Today’s guest blog on housing comes from my Cabinet Lead for Housing, Paul Smith.
The week beginning August 13th was ironically flagged as “housing week” as the oft delayed Social Housing Green paper was being trailed for release. The Secretary of State James Brokenshire had a major article in the Sunday Times headed “My dark times with cancer made me want to wipe out rough sleeping”.
On Monday it was the Rough Sleeping Strategy which emerged. The strategy had been co-produced with national homeless charities and so its core proposals were sound. These included integration of homelessness, mental health and addiction services. The timescale to end rough sleeping by 2027 lacked any real sense of ambition or urgency.
Unfortunately, there were two rather enormous elephants in the room, which the government could not acknowledge because do to so would be to admit that it was the government which had caused the problem it was so keen to solve. The evidence is clear and was repeated on Monday by the charities that helped pen the strategy: we need more social housing and a reversal of reforms to housing benefit.
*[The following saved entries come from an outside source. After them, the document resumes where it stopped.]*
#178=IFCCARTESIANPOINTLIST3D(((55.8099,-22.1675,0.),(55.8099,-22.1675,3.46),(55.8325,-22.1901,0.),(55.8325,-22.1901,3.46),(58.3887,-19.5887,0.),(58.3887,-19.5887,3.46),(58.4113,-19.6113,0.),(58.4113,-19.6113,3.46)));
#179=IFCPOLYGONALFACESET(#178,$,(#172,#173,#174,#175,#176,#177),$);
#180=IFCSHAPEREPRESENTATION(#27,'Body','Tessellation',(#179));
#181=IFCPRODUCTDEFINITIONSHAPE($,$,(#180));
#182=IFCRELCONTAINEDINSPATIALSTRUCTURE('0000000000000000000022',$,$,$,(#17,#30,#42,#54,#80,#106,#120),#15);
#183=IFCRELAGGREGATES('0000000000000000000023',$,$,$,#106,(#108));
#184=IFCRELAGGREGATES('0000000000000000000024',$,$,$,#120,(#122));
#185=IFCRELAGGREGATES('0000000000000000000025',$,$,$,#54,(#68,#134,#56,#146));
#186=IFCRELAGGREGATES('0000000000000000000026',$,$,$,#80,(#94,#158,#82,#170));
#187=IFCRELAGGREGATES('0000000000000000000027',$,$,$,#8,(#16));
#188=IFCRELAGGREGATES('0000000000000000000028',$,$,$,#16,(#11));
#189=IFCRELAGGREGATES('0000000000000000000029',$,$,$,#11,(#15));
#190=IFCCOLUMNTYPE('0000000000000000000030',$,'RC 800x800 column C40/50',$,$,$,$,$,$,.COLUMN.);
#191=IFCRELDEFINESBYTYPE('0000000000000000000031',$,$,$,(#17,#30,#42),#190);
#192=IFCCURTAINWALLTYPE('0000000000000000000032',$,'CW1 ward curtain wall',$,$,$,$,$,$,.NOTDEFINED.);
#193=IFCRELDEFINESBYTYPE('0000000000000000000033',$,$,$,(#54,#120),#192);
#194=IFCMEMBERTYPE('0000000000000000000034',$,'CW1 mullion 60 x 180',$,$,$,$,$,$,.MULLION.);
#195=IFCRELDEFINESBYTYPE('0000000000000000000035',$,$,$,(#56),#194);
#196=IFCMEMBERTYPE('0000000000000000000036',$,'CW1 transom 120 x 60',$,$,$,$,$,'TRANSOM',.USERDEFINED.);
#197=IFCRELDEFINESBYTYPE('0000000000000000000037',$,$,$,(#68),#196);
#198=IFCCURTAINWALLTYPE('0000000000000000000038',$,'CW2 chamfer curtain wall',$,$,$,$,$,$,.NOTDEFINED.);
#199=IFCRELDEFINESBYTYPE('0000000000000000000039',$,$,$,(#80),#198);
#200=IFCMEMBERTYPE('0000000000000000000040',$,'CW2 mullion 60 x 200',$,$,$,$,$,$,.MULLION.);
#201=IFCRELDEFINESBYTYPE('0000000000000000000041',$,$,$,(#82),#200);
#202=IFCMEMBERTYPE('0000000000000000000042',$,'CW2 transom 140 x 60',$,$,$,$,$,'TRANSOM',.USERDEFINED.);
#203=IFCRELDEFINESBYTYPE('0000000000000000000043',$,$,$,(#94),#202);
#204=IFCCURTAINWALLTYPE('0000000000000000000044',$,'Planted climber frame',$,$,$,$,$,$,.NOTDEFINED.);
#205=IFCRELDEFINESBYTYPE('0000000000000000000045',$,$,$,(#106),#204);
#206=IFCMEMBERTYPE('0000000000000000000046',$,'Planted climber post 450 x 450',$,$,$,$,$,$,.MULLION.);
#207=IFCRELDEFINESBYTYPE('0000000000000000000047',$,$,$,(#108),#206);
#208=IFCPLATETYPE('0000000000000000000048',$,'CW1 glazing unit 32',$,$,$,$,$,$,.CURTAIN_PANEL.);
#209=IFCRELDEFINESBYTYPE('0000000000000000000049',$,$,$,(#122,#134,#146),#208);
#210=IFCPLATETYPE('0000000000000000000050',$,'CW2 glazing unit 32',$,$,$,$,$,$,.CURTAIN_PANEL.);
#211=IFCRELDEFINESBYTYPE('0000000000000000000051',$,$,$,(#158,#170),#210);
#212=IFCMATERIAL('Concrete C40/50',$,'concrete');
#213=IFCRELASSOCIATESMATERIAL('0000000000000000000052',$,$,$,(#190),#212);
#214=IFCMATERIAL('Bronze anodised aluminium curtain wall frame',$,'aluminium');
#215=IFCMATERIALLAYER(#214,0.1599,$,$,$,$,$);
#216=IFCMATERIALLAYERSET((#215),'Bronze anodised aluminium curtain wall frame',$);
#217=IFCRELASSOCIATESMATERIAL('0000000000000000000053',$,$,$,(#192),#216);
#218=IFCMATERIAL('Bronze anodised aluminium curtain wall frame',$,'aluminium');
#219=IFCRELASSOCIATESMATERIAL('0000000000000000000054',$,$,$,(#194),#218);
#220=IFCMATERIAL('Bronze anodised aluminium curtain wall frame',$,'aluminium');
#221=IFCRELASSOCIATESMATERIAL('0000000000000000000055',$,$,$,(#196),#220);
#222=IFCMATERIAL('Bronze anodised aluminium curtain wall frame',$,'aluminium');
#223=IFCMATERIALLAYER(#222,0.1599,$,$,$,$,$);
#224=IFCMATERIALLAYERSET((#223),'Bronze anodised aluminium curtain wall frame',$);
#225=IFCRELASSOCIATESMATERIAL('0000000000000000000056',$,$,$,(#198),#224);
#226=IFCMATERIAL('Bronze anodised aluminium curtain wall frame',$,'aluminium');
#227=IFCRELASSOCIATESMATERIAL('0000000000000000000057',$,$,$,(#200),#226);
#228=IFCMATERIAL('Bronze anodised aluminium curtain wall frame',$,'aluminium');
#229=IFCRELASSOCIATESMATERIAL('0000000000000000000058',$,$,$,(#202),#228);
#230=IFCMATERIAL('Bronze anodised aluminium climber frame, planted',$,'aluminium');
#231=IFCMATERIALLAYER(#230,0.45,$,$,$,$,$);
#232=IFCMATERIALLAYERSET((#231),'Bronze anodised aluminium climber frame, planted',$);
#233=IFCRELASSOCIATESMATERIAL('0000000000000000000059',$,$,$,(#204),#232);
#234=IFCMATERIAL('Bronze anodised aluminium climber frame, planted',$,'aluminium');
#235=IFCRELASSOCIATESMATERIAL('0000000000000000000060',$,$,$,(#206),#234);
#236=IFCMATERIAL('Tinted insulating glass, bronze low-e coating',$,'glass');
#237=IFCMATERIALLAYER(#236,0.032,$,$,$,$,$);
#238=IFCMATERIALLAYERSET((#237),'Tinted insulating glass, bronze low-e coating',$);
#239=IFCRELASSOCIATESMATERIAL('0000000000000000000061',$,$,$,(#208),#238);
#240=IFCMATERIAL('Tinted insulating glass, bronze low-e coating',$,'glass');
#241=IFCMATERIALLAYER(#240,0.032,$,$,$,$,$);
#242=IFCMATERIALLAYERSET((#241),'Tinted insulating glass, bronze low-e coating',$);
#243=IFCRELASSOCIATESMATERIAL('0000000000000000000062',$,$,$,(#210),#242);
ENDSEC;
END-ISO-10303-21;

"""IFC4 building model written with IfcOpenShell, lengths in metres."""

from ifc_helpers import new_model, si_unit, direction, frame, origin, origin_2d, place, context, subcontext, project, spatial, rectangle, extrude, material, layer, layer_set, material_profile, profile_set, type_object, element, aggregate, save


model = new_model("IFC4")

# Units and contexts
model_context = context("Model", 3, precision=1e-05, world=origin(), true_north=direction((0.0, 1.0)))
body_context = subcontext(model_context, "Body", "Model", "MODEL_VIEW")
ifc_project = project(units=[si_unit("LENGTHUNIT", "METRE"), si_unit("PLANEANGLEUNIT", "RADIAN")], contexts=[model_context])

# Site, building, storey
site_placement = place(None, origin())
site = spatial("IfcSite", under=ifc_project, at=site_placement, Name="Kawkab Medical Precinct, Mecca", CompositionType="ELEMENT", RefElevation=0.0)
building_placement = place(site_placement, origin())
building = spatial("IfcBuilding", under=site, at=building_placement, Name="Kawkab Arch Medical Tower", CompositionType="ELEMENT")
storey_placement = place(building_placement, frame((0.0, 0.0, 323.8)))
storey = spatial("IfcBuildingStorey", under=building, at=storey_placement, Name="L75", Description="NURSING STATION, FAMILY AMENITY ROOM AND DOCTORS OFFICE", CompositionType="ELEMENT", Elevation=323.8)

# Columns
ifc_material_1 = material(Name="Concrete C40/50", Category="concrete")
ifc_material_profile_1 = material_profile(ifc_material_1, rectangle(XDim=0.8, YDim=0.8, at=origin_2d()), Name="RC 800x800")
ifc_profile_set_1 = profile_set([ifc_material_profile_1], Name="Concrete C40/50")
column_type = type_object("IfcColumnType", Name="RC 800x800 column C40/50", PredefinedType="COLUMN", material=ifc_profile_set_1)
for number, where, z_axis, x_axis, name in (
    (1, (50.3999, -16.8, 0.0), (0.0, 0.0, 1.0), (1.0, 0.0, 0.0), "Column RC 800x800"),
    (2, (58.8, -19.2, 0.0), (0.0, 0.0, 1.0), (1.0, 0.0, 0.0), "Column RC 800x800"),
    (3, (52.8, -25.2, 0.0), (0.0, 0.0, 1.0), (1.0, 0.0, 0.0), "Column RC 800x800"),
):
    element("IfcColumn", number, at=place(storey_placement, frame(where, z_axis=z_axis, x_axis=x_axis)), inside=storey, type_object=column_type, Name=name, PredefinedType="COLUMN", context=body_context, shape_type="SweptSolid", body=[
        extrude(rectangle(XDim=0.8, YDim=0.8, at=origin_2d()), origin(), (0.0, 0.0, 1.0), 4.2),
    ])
Street and family homelessness started to rise dramatically when the coalition welfare changes started in 2012. In Bristol, recorded street homelessness in now ten times what it was in 2010. The decision in 2010 to stop government funding for social housing was another blow; last year in the whole of England only 5,000 new social homes were built.
The finances of the strategy unravelled by lunch-time. What was previously announced as £100m of new money soon became £50m of new money, and later it was revealed that this extra £50m was reallocated from other (unspecified) housing budgets. Of course, if there is any additional money we can access in Bristol, we will be putting forward bids.
On Tuesday came the Social Housing Green Paper, without any new money for social housing. The big idea seemed to be social housing league-tables and bringing back a regulator for the sector, plus lots of small common-sense changes which make little or no difference to the housing crisis. What we really need in Bristol is an abolition of the right to buy, but instead we received a re-announced consultation on relaxing the spending rules for right to buy money (which is almost deliberately difficult so that the money can go back to the government). Also re-announced was the ability of councils to bid for additional borrowing to build council housing. On Monday I discussed Bristol’s bid with officers who would initially request an additional £25m to double the rate of council house building in Bristol. The council’s scrutiny panel then met to work through the details of the proposals for a local housing company, which will be discussed at September’s cabinet meeting.
On Thursday we had a welcome break from strategies and policies and Marvin and I had an opportunity to wear our hi-viz and hard hats. The plan for 75 new homes at Marksbury Road (my old college) was approved in 2012, but it initially offered no affordable homes. In the 2017 budget the Council approved the Mayor’s proposal for a £57m housing association grant fund. With that fund we have been helping buy additional rented homes on projects around the city or to help housing associations to buy sites in competition with private developers. At Marksbury Road that has provided 24 affordable rented houses and flats, plus it has also levered funding from Homes England to fund 12 shared ownership homes.
For me it has been a housing week, but from the government I’m afraid it’s been housing weak.